Hypertriglyceridemia is a major cardiovascular risk factor and is another mechanism by which SSBs might increase cardiovascular risk. Few large cross-sectional studies have examined the risk of dyslipidemia with SSB intake, and these studies show that dyslipidemia prevalence increases with higher SSB intake (13, 14). One prospective study reported that consuming more than 1 soft drink per day increased the odds of developing hypertriglyceridemia by 25% over 4 years compared with consuming less than 1 soft drink per day (15). Moreover, two recent prospective cohort studies showed that daily SSB consumption was associated with approximately 25% greater risk of developing coronary heart disease in both men and women compared with nonconsumers (13, 16).
SSB consumption also associates with hypertension, another major cardiovascular risk factor. A recent meta-analysis found a modest 12% increase in hypertension risk among the highest SSB consumers compared with the lowest (17). Thus, SSB intake may contribute to hypertension, but it may play a lesser role in this risk factor compared with other cardiometabolic risk factors.
On the basis of short-term overfeeding studies conducted predominantly in animals, the fructose component of SSBs and added sugar appears to be particularly harmful. Feeding animals large amounts of fructose can rapidly produce multiple features of the metabolic syndrome, including obesity, dyslipidemia, fatty liver, hypertension, insulin resistance, and diabetes (18, 19). Some, but not all, short-term dietary intervention studies in humans also demonstrate that overfeeding fructose, but not glucose, can increase visceral adiposity, postprandial hypertriglyceridemia, and insulin resistance, and effects on specific traits may be impacted by gender (20, 21).
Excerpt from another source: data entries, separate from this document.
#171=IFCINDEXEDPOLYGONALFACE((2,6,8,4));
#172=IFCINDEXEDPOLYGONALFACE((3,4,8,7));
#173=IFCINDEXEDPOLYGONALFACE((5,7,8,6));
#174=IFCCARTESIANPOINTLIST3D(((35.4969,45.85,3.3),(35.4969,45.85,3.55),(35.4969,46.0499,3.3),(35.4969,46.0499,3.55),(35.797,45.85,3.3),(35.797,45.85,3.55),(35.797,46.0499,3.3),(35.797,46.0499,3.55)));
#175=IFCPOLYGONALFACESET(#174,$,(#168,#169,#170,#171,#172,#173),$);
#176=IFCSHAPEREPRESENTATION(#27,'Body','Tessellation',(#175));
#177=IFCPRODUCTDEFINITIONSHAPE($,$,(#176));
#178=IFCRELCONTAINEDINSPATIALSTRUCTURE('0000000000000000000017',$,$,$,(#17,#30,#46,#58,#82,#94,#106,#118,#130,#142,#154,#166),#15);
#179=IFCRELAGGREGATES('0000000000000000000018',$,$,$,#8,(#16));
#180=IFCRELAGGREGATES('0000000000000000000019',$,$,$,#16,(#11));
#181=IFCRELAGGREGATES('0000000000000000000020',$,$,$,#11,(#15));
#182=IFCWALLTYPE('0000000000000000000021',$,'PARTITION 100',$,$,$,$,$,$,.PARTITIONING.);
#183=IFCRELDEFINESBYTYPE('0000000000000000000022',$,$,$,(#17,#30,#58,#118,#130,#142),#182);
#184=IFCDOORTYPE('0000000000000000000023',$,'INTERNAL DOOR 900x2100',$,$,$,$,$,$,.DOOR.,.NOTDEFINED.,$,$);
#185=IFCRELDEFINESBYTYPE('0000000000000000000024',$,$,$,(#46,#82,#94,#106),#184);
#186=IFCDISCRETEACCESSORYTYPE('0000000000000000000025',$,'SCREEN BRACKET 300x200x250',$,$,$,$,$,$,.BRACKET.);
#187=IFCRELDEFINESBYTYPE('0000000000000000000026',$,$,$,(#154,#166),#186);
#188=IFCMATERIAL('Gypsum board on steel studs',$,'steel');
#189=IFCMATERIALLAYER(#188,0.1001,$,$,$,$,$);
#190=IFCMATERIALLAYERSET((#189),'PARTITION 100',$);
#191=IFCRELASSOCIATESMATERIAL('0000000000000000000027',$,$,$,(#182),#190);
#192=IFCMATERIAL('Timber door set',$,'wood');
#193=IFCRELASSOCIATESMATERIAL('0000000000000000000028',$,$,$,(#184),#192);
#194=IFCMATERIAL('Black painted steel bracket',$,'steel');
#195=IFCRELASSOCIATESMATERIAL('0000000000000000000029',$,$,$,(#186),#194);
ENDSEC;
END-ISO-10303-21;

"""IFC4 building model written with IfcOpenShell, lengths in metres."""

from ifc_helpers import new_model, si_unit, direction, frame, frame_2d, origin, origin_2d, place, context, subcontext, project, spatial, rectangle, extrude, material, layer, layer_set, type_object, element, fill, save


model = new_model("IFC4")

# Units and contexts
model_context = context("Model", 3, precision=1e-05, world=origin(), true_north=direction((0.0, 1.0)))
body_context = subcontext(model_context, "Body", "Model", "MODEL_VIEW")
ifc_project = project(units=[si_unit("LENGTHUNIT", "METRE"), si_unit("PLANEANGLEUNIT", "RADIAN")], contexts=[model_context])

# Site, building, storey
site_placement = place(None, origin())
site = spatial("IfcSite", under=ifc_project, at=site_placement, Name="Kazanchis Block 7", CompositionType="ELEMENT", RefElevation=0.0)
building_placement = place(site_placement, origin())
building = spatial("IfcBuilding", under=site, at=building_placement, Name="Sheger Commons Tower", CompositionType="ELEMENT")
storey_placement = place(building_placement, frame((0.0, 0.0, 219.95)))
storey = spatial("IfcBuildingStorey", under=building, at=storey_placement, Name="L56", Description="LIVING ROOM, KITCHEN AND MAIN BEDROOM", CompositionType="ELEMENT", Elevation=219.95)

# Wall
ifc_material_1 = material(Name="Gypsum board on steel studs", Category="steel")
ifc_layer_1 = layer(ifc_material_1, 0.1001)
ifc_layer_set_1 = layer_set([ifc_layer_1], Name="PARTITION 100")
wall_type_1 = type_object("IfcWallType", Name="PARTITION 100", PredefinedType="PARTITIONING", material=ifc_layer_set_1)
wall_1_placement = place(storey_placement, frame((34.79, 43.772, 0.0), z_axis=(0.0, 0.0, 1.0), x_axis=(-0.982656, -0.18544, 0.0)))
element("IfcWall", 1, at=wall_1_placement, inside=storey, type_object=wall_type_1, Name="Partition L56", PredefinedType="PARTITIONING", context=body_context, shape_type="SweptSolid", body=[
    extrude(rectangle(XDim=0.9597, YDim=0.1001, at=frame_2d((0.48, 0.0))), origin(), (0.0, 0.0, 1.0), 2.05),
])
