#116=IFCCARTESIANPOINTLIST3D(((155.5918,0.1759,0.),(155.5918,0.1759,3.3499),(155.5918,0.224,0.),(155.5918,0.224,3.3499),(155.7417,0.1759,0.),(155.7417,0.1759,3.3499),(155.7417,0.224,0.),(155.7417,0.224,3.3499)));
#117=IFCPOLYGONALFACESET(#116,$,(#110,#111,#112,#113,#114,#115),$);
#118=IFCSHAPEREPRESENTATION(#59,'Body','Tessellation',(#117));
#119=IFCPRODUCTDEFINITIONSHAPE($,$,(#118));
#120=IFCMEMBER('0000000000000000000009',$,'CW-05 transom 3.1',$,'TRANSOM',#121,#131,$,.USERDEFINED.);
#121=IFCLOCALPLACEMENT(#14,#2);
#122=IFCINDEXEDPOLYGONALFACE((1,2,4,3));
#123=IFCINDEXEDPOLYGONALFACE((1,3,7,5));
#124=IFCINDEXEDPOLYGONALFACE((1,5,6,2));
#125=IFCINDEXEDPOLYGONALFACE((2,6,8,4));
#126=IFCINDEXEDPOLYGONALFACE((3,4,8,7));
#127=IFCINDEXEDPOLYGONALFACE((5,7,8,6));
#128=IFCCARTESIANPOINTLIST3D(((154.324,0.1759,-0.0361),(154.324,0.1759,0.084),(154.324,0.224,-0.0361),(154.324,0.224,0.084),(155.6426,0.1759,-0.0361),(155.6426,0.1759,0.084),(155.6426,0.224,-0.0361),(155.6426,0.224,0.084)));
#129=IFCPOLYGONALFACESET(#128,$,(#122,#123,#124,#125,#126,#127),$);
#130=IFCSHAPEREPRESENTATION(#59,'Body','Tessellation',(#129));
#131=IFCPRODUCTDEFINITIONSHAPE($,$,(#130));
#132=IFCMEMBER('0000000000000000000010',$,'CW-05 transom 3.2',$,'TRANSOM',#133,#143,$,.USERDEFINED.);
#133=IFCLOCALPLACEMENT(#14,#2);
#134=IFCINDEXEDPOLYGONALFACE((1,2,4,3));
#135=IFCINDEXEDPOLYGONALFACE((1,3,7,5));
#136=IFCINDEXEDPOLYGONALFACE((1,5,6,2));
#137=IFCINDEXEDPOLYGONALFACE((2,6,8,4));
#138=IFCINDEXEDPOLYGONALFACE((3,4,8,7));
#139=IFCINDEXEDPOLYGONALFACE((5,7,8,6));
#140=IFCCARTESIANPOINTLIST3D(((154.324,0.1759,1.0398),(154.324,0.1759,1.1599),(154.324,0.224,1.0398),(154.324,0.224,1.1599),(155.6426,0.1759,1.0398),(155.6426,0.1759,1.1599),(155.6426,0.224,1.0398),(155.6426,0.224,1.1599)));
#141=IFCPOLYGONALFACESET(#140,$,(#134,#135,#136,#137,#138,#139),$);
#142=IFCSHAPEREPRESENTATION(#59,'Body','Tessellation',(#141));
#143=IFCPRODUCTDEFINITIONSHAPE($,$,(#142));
One concern with such studies is that the amount of fructose consumed often exceeds that commonly found in ad libitum diets. The average consumption of fructose in US populations accounts for approximately 9% of total energy intake, while consumers in the 95th percentile average approximately 15% of total energy from fructose (22). In contrast, many interventional studies are short in duration (less than 4 weeks) and include dietary intakes closer to 25% of total energy intake from fructose (23, 24).
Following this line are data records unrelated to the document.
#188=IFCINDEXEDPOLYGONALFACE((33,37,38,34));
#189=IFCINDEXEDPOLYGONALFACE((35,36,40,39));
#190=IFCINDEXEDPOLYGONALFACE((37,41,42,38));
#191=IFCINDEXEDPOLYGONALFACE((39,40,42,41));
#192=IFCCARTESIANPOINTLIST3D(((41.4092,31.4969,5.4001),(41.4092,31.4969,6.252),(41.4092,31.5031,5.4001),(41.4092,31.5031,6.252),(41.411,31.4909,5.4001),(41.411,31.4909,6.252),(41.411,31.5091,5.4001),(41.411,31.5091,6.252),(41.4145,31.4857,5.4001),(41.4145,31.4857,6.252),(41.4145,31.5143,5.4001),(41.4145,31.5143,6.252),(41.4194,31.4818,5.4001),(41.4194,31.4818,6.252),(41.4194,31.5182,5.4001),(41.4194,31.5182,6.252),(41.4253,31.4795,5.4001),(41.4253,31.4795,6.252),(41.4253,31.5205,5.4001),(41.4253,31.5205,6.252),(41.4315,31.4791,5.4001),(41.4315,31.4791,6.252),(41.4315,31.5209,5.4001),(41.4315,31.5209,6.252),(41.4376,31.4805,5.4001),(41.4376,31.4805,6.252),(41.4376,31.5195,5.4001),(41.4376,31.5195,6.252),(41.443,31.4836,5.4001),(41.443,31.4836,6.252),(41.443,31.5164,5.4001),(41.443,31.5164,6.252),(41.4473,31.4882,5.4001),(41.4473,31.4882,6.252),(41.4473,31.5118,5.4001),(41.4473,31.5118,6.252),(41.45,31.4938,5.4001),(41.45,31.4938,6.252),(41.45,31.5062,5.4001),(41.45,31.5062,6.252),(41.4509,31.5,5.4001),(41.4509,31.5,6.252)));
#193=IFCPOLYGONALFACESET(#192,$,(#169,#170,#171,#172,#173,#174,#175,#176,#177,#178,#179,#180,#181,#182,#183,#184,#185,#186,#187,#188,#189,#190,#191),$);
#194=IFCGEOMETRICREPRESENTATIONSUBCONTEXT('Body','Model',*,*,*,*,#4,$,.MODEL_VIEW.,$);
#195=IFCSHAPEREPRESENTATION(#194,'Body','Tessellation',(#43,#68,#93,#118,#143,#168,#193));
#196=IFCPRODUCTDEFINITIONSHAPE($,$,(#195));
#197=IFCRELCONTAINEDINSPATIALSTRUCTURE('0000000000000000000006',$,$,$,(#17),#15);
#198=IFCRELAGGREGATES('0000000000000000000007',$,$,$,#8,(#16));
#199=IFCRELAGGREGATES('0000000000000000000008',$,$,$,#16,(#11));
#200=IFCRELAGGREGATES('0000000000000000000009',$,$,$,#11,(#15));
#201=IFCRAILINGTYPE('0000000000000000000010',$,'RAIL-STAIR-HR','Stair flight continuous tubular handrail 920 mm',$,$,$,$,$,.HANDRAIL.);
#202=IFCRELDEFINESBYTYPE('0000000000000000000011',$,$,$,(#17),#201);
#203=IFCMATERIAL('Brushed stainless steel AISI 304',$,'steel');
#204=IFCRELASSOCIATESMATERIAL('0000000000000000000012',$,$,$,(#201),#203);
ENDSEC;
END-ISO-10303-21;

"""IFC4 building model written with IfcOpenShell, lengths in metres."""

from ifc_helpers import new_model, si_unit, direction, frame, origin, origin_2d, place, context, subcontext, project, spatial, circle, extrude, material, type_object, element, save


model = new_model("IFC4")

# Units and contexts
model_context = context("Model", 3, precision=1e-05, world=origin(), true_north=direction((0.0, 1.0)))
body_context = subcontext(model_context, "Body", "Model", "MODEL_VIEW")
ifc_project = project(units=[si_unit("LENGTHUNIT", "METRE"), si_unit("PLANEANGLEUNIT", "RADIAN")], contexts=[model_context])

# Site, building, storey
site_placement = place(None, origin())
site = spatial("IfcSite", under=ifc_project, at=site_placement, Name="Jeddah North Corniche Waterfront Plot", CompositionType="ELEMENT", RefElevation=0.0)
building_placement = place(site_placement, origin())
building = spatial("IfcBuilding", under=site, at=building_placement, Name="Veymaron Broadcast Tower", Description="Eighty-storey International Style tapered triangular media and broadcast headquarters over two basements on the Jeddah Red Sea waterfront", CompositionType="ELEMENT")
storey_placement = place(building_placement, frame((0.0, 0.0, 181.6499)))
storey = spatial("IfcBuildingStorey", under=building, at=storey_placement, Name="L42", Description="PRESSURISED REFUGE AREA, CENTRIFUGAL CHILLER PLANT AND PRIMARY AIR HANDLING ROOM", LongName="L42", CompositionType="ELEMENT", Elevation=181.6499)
Large randomized controlled dietary intervention studies assessing the effects of added sugars on cardiometabolic risk factors over long periods of time are lacking. Complexity, cost, compliance, and potential ethical issues likely prohibit the conducting of such studies. Nevertheless, some short-term interventional studies, even those within the range of “normal” fructose consumption, show that fructose can rapidly impair intermediate physiological endpoints like circulating lipids and insulin sensitivity in humans (25). Several recent reviews comprehensively discuss the physiological effects of added fructose or sugar on pathophysiological endpoints in human subjects (26, 27).
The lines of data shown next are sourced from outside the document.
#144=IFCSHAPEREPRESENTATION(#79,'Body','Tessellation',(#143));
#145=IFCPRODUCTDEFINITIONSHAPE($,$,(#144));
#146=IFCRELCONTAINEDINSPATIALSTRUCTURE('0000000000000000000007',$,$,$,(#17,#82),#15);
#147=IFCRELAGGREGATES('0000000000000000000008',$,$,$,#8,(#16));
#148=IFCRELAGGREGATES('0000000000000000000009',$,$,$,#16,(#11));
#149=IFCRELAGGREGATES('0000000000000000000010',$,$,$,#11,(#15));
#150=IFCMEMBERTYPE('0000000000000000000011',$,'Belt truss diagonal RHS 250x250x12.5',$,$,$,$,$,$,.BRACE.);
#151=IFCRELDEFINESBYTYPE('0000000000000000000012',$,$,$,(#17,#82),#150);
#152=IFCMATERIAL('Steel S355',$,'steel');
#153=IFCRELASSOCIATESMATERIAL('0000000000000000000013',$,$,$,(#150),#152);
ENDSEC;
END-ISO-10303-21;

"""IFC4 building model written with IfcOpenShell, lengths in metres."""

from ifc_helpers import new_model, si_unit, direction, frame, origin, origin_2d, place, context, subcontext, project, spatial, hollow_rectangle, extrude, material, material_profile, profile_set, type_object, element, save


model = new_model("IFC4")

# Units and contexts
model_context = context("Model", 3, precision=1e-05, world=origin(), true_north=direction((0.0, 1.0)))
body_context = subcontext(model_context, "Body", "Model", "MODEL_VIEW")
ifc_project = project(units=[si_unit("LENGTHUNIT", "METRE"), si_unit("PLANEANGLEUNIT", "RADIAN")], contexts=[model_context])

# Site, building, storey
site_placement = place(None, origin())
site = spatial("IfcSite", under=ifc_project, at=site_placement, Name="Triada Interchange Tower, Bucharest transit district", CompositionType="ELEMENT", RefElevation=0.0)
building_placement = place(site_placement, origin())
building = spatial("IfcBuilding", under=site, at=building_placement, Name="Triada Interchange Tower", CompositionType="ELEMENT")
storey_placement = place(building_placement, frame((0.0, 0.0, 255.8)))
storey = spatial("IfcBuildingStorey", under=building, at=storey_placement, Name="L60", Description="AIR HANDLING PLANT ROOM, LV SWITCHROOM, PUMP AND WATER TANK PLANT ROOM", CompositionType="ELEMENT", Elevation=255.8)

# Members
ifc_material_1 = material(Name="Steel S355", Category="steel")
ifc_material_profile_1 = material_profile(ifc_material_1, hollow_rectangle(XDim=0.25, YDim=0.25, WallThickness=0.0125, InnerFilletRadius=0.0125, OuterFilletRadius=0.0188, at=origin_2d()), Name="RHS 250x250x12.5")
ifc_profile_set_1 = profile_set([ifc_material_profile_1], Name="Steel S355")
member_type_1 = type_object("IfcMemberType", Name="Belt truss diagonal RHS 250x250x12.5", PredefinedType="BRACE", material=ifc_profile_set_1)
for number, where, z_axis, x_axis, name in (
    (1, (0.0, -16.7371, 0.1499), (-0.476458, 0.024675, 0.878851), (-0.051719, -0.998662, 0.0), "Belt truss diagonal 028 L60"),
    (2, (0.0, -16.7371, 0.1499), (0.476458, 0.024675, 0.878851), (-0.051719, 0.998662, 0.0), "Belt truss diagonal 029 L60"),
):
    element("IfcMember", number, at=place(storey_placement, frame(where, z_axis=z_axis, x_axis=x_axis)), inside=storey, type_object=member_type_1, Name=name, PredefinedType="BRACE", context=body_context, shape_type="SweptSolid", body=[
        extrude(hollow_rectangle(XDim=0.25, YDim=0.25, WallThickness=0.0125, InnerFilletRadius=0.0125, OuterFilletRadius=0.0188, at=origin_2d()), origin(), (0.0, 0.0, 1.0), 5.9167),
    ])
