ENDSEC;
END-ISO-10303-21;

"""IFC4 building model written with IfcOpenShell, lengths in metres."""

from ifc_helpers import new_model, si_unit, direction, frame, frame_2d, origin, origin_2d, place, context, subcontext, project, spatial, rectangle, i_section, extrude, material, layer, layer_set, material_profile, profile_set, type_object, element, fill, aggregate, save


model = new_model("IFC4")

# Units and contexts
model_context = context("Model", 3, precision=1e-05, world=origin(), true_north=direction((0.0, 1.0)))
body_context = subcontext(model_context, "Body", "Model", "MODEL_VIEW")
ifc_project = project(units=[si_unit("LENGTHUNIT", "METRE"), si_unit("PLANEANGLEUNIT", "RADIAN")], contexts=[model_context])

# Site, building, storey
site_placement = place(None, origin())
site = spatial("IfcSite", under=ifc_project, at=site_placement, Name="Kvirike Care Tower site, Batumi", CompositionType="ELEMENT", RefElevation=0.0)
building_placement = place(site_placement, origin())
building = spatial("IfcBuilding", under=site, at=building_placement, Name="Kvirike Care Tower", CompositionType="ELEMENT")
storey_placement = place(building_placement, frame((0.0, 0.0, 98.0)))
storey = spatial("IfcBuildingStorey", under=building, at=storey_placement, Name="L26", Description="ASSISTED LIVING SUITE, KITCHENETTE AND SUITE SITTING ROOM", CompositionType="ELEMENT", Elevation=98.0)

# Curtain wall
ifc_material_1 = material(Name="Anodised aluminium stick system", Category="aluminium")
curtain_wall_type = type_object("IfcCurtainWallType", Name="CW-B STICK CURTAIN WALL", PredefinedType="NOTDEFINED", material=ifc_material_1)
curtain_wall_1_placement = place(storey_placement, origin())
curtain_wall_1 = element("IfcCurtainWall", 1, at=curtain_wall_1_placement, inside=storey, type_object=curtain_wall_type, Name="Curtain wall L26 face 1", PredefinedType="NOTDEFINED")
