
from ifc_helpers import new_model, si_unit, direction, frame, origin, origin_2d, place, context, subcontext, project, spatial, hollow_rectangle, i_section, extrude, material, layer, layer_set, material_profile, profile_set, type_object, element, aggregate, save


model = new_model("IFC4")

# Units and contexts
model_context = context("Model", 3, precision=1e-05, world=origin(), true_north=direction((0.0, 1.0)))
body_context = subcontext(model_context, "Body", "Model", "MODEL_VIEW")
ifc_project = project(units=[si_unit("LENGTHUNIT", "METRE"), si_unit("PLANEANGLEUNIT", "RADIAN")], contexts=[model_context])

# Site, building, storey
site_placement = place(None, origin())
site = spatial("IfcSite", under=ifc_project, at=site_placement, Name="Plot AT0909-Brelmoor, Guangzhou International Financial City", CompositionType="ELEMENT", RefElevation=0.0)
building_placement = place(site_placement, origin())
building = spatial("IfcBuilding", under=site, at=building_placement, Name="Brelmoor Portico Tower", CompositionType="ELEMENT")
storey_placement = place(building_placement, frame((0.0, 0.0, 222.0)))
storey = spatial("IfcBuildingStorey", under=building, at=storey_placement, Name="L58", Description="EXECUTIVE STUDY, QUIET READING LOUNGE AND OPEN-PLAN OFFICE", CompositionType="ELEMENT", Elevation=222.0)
Understanding the mechanisms by which the isolated monosaccharide fructose might contribute to the development of metabolic disease may provide fundamental insights into pathogenic mechanisms that can be used to develop new diagnostic, preventative, and therapeutic strategies. Here we will review the biochemistry and molecular genetics of fructose metabolism as well as potential mechanisms by which excessive fructose consumption contributes to cardiometabolic disease. We hope that lessons learned from improved understanding of fructose metabolism and fructose-induced cardiometabolic risk may also apply to other forms of diet-induced and genetically induced metabolic disease.
Fructose absorption
Ingested fructose is predominantly absorbed passively from the intestinal lumen via the hexose transporter SLC2A5, also known as GLUT5, which has high affinity for fructose (Km = 6 mM). GLUT5 is highly expressed on enterocytes’ luminal membrane and is also expressed basolaterally (28). Deletion of Glut5 in mice reduces fructose absorption by 75% and causes cecum and colon dilatation as well as gas accumulation (29). These features are suggestive of fructose malabsorption, frequently cited as a cause of gastrointestinal symptoms in humans (30, 31). The intestine’s capacity to absorb fructose is saturable (32), and a healthy adult’s ability to absorb free fructose ranges from less than 5 g to more than 50 g (33). Unabsorbed fructose can impose an osmotic load on the distal small intestine and the colon, which may contribute to gastrointestinal symptoms (32). Moreover, fructose can serve as a substrate for bacterial fermentation, leading to formation of gas and other bacterial metabolites, which can affect intestinal motility and cause various symptoms such as abdominal pain and bloating (34).
Intestinal GLUT5 mRNA levels and fructose transport rates are very low prenatally and rapidly increase with weaning independently of diet, but they can be further induced following weaning to diets containing fructose (35). Recent data showed that high-fructose feeding induces intestinal thioredoxin-interacting protein (TXNIP), which binds and regulates GLUT5-mediated intestinal fructose transport (36). Consistent with this, we recently showed that carbohydrate-responsive element–binding protein (ChREBP), a transcription factor that responds to intracellular carbohydrate nutrients and a known transcriptional regulator of TXNIP (37), also regulates intestinal GLUT5 expression and is required for systemic fructose tolerance (38). In the future, it will be interesting to determine whether variability in the expression or function of GLUT5 or its regulatory factors contributes to the variability in fructose absorption in humans.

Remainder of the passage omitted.